Several lines of evidence indicate that InsP6 plays a crucial role during HIV-1 infection, being involved in some of the several capsid transformations that occur during viral replication. Specifically, it has been reported that HIV-1 recruits InsP6 into virions using two Lysine rings in its immature hexamers [50] and that InsP6 in turn promotes the assembly and maturation of the mature capsid lattice [51,52,53]. Furthermore, binding of InsP6 increases HIV-1 capsid stability from minutes to hours, enabling freshly synthesized DNA to gather inside the capsid during reverse transcription [54]. These data indicate that InsP6 is important in HIV-1 assembly and during viral entry by stabilizing the capsid while moving towards the nucleus, making it a critical cofactor for HIV replication (Figure 3).
Indeed, cells lacking IPPK, the enzyme that catalyzes the addition of the final phosphate on the position 2 of InsP5, produced much fewer infectious HIV-1 particles [51]. Importantly, however, infectious particles were still being produced in these cells albeit at a much-reduced rate [51]. In line with this, a recent study revealed that, in the absence of InsP6, as achieved upon genetic knockout of IPMK and IPPK, HIV-1 packages InsP5 and it can substitute InsP5 for InsP6 during viral production without affecting its infectivity [50]. Indeed, InsP5 was found to be able to stimulate immature HIV-1 assembly in vitro, although less efficiently that InsP6 [50,51,54]. A very recent study has demonstrated that the almost complete ablation of both InsP6 and InsP5 induced a 1000-fold reduction (i.e., an almost abrogation) in the production of HIV-1 infectious particle and virus release, establishing an absolute requirement for these IPs in HIV-1 viral production [55]. Furthermore, the authors demonstrated that ablation of InsP6 and InsP5 in viral target cells did not affect permissivity to HIV-1 infection [55]. Importantly, recent evidence suggests a conserved role for InsP6 in lentiviral assembly, as indicated by its ability to stimulate the in vitro assembly of immature particles of many other retroviruses in the lentivirus genus [56]. On the other hand, ablation of IPPK only modestly reduced the production of infectious particles by other retroviruses, such as a gammaretrovirus, a betaretrovirus and two non-primate lentiviruses. This study in particular demonstrated that only the primate (macaque) lentivirus simian immunodeficiency virus displayed a similar dependence on InsP6/InsP5 as HIV-1 [55].

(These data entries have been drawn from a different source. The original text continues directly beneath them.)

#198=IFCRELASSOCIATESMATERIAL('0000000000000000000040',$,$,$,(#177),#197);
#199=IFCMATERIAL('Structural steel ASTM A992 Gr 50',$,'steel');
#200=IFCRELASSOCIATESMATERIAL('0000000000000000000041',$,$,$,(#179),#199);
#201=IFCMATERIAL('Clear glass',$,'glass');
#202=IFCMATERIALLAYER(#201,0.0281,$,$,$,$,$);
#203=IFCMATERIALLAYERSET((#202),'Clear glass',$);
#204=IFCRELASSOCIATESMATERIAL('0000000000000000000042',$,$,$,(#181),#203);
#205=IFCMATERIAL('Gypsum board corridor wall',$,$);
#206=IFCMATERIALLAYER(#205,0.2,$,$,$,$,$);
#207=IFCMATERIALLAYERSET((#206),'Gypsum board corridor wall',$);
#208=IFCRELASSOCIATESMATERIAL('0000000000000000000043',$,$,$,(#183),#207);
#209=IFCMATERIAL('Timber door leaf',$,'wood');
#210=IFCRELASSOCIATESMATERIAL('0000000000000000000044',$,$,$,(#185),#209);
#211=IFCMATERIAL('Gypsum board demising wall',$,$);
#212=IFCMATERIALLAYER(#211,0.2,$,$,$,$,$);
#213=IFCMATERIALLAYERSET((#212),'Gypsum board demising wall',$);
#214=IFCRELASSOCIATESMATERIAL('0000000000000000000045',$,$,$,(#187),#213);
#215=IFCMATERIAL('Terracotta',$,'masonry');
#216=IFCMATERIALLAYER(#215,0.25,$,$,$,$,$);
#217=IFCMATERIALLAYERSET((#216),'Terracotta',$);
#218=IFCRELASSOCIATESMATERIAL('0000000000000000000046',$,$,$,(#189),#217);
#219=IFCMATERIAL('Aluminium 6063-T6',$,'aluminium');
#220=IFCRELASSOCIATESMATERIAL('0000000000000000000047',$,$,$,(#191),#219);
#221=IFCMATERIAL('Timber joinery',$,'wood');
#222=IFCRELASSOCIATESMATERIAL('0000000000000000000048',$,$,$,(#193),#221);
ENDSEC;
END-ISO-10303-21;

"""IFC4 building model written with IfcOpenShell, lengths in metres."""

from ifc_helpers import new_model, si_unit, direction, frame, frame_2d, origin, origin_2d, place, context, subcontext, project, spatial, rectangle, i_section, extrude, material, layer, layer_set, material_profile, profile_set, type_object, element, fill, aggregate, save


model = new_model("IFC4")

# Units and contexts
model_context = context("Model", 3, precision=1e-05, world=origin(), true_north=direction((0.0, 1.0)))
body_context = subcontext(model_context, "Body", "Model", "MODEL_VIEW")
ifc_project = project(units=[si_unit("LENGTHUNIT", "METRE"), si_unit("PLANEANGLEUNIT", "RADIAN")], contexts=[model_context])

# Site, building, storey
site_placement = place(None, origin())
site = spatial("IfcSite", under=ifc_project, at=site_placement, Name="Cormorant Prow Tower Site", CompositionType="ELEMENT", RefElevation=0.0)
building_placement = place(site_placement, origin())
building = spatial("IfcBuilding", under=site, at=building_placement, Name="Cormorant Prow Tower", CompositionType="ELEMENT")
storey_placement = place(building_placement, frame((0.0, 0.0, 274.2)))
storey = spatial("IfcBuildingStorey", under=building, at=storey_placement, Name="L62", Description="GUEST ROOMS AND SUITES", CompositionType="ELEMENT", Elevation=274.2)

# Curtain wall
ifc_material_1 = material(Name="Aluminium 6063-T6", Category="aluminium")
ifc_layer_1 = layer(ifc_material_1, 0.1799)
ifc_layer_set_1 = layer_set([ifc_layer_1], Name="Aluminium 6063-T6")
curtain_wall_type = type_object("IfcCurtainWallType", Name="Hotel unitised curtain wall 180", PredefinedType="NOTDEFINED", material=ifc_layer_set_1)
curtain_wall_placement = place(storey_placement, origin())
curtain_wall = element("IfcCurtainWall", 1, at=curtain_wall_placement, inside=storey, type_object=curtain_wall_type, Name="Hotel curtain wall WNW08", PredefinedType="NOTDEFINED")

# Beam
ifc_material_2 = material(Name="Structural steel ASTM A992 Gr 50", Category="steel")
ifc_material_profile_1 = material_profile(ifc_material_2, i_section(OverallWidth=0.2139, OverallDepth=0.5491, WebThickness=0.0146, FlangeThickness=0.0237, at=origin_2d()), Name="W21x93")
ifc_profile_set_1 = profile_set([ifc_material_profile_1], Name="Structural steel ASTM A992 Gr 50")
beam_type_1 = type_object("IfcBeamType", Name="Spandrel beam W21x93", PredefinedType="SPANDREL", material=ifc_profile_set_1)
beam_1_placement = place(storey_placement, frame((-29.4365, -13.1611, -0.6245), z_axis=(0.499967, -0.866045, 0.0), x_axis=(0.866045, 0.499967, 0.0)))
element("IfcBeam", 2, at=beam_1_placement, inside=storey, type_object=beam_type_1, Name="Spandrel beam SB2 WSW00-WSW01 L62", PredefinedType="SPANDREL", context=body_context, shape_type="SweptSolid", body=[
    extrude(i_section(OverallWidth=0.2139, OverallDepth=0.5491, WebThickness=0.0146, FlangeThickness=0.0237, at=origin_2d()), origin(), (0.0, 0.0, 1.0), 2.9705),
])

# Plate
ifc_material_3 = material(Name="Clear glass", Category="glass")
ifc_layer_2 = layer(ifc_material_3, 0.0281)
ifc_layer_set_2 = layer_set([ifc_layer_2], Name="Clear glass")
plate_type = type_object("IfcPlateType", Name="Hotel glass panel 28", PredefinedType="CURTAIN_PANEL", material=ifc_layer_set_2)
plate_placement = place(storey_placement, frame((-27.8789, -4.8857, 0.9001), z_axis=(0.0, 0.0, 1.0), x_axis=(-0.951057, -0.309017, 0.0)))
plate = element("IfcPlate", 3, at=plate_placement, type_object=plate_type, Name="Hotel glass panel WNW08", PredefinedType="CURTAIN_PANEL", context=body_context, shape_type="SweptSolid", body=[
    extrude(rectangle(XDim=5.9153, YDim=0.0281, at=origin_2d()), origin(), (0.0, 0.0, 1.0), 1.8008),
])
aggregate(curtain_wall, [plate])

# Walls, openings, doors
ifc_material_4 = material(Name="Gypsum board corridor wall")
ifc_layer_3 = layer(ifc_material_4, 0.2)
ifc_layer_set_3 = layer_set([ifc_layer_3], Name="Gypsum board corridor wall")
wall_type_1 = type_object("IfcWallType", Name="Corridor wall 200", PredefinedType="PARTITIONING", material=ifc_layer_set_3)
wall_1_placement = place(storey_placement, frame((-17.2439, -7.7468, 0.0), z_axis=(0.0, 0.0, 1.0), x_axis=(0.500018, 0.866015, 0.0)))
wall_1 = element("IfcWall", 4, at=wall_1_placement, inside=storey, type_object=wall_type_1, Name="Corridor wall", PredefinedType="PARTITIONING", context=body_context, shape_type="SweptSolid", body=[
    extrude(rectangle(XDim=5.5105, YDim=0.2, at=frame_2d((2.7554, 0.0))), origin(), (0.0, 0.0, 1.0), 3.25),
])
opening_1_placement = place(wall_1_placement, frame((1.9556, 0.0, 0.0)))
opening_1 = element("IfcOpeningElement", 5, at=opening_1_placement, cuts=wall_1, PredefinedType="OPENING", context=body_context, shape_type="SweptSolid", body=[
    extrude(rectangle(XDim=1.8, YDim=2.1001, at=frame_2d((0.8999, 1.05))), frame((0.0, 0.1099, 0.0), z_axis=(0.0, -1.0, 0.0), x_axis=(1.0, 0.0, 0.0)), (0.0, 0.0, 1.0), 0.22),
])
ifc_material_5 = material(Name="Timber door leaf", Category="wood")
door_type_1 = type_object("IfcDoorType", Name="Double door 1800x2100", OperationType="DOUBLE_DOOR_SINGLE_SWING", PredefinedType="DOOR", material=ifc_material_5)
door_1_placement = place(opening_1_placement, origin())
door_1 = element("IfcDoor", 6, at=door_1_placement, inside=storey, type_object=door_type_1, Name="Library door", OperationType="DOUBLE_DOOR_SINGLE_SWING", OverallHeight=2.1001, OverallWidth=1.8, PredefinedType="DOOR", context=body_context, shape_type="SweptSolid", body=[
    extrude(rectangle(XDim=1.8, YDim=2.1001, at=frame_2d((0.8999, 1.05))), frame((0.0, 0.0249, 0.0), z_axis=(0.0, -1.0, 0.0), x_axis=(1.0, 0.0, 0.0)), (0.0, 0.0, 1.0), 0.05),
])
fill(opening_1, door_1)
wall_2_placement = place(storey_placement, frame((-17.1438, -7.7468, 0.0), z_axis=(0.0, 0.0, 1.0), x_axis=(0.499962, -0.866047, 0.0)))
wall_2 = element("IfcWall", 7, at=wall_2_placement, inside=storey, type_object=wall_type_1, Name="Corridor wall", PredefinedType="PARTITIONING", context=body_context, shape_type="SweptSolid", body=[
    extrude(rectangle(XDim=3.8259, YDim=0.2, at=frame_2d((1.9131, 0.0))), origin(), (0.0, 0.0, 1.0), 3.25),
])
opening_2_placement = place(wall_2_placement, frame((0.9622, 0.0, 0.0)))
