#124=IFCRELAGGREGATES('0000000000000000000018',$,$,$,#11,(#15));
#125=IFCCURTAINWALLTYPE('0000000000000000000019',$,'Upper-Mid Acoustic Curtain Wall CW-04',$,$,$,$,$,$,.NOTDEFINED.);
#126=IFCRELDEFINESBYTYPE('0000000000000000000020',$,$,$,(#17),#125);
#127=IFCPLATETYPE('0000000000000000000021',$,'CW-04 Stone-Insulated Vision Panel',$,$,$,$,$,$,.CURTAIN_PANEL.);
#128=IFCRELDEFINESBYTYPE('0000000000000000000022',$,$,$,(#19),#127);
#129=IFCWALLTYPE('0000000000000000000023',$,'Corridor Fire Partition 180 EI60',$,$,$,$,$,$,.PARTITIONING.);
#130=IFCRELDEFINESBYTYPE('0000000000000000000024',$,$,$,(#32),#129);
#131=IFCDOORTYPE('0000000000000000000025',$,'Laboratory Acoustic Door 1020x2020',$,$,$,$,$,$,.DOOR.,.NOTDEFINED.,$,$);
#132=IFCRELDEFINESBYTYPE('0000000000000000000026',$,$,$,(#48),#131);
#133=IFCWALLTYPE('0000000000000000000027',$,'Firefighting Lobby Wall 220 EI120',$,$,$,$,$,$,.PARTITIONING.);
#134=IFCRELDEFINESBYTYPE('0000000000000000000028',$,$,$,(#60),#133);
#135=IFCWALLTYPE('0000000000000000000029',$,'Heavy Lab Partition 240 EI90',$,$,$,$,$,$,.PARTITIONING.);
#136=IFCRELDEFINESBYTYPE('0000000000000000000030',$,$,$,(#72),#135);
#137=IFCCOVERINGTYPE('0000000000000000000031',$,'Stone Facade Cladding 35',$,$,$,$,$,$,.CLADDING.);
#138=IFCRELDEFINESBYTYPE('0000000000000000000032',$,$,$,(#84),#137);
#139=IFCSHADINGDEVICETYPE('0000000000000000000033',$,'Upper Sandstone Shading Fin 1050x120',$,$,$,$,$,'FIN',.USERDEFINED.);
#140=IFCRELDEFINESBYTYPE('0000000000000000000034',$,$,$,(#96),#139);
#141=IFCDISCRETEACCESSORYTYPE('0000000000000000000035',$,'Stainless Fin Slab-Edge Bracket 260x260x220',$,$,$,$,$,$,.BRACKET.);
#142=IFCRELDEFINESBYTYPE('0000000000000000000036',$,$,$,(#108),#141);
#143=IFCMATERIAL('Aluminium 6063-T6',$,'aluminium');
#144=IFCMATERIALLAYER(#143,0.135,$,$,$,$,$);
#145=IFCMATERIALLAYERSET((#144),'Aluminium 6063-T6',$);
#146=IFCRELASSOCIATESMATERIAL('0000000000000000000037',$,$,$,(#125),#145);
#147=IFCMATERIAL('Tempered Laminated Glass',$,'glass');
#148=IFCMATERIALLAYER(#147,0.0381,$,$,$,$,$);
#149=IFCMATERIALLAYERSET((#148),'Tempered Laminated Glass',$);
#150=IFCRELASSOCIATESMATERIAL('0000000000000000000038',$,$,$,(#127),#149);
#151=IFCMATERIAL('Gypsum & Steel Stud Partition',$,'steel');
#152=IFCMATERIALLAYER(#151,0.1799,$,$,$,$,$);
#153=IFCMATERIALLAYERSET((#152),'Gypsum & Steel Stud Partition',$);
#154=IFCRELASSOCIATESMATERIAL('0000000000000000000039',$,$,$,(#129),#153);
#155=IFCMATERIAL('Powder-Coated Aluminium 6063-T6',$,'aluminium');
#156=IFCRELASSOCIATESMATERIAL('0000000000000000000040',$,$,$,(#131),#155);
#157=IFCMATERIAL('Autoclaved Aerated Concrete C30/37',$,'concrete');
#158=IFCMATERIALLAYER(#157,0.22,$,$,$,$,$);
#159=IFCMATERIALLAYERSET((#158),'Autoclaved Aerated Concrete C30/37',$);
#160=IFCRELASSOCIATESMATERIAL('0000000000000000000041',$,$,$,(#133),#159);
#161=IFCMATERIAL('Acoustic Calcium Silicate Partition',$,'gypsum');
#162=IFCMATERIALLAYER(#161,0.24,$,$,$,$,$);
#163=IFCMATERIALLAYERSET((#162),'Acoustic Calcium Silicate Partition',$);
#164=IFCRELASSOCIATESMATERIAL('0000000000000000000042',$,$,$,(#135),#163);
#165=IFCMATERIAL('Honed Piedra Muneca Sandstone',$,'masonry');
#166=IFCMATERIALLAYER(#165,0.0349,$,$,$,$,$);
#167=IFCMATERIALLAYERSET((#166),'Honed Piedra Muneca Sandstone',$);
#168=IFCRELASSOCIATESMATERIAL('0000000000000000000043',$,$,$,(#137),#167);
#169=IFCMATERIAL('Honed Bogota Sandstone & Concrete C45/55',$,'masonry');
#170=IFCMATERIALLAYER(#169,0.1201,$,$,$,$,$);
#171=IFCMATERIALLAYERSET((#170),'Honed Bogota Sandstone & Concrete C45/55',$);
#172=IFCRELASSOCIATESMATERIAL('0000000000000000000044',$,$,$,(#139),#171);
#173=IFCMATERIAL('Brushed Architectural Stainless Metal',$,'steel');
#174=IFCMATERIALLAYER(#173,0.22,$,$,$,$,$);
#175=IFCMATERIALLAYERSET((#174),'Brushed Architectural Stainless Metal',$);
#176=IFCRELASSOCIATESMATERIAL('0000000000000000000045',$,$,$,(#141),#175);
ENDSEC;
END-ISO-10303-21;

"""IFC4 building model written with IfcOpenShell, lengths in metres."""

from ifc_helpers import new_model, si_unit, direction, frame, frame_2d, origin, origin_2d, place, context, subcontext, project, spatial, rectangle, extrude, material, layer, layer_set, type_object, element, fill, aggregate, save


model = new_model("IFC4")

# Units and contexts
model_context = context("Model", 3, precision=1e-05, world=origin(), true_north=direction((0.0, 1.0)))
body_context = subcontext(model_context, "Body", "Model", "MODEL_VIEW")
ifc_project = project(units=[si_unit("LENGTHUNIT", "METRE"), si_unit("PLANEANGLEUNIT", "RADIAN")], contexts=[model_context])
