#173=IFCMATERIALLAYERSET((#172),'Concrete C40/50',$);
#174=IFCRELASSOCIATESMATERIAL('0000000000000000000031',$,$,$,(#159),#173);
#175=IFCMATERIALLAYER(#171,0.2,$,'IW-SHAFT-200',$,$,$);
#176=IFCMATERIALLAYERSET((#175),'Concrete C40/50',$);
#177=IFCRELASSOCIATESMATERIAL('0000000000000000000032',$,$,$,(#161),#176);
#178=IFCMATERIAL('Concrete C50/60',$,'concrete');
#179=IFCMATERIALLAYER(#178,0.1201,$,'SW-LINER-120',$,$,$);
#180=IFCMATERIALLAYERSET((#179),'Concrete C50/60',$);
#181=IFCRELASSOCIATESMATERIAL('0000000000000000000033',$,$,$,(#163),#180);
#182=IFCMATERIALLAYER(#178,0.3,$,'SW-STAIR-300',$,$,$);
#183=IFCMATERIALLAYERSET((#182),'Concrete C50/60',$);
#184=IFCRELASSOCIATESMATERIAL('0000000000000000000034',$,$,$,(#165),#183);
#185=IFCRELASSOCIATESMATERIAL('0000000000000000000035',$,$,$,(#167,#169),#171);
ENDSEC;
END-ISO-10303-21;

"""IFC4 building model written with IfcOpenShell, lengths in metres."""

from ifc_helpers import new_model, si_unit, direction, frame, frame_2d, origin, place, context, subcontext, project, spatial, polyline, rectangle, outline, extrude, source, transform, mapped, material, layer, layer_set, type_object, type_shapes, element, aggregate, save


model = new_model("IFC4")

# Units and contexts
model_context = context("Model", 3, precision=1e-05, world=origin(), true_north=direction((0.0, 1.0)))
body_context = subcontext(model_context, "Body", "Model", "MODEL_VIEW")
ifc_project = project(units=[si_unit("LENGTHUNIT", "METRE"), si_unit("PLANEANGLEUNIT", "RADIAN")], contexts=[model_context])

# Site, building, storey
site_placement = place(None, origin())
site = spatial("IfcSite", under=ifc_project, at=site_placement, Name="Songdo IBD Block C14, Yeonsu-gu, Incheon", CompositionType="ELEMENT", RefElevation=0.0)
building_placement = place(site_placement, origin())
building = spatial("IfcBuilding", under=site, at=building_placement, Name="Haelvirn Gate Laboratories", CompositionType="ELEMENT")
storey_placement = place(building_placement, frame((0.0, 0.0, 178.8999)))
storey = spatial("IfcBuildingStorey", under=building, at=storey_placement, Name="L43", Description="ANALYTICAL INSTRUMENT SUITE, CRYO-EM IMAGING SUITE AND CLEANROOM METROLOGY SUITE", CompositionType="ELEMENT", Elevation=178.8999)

4. Exploiting the Binding Properties of IPs for Therapeutic Purposes

4.1. Exogenous IPs

Until now, the therapeutic potential of IPs has been mainly tested through administration of exogenous IPs. In some cases, this strategy aims to inhibit PIs-dependent signaling pathways through competition between exogenous IPs and endogenous PIs towards same protein domains. The best example of this is provided by proteins containing pleckstrin homology (PH) domains, protein modules that can bind to IPs and PIs [57,58,59]. Twenty years ago, we hypothesized that water soluble IPs could be delivered intracellularly to compete with PIs for PH domain binding and therefore they could inhibit activation of proteins that rely on PIs/PH domain interaction [2]. Over the following years, we and others demonstrated that this strategy was correct and it held potential therapeutic value. Work in our lab was mostly focused on Akt PH domain, whose interaction with phosphatidylinositol 3,4,5-trisphosphate (PtdIns(3,4,5)P3) is critical for its translocation to the plasma membrane and enzymatic activation. (Figure 4).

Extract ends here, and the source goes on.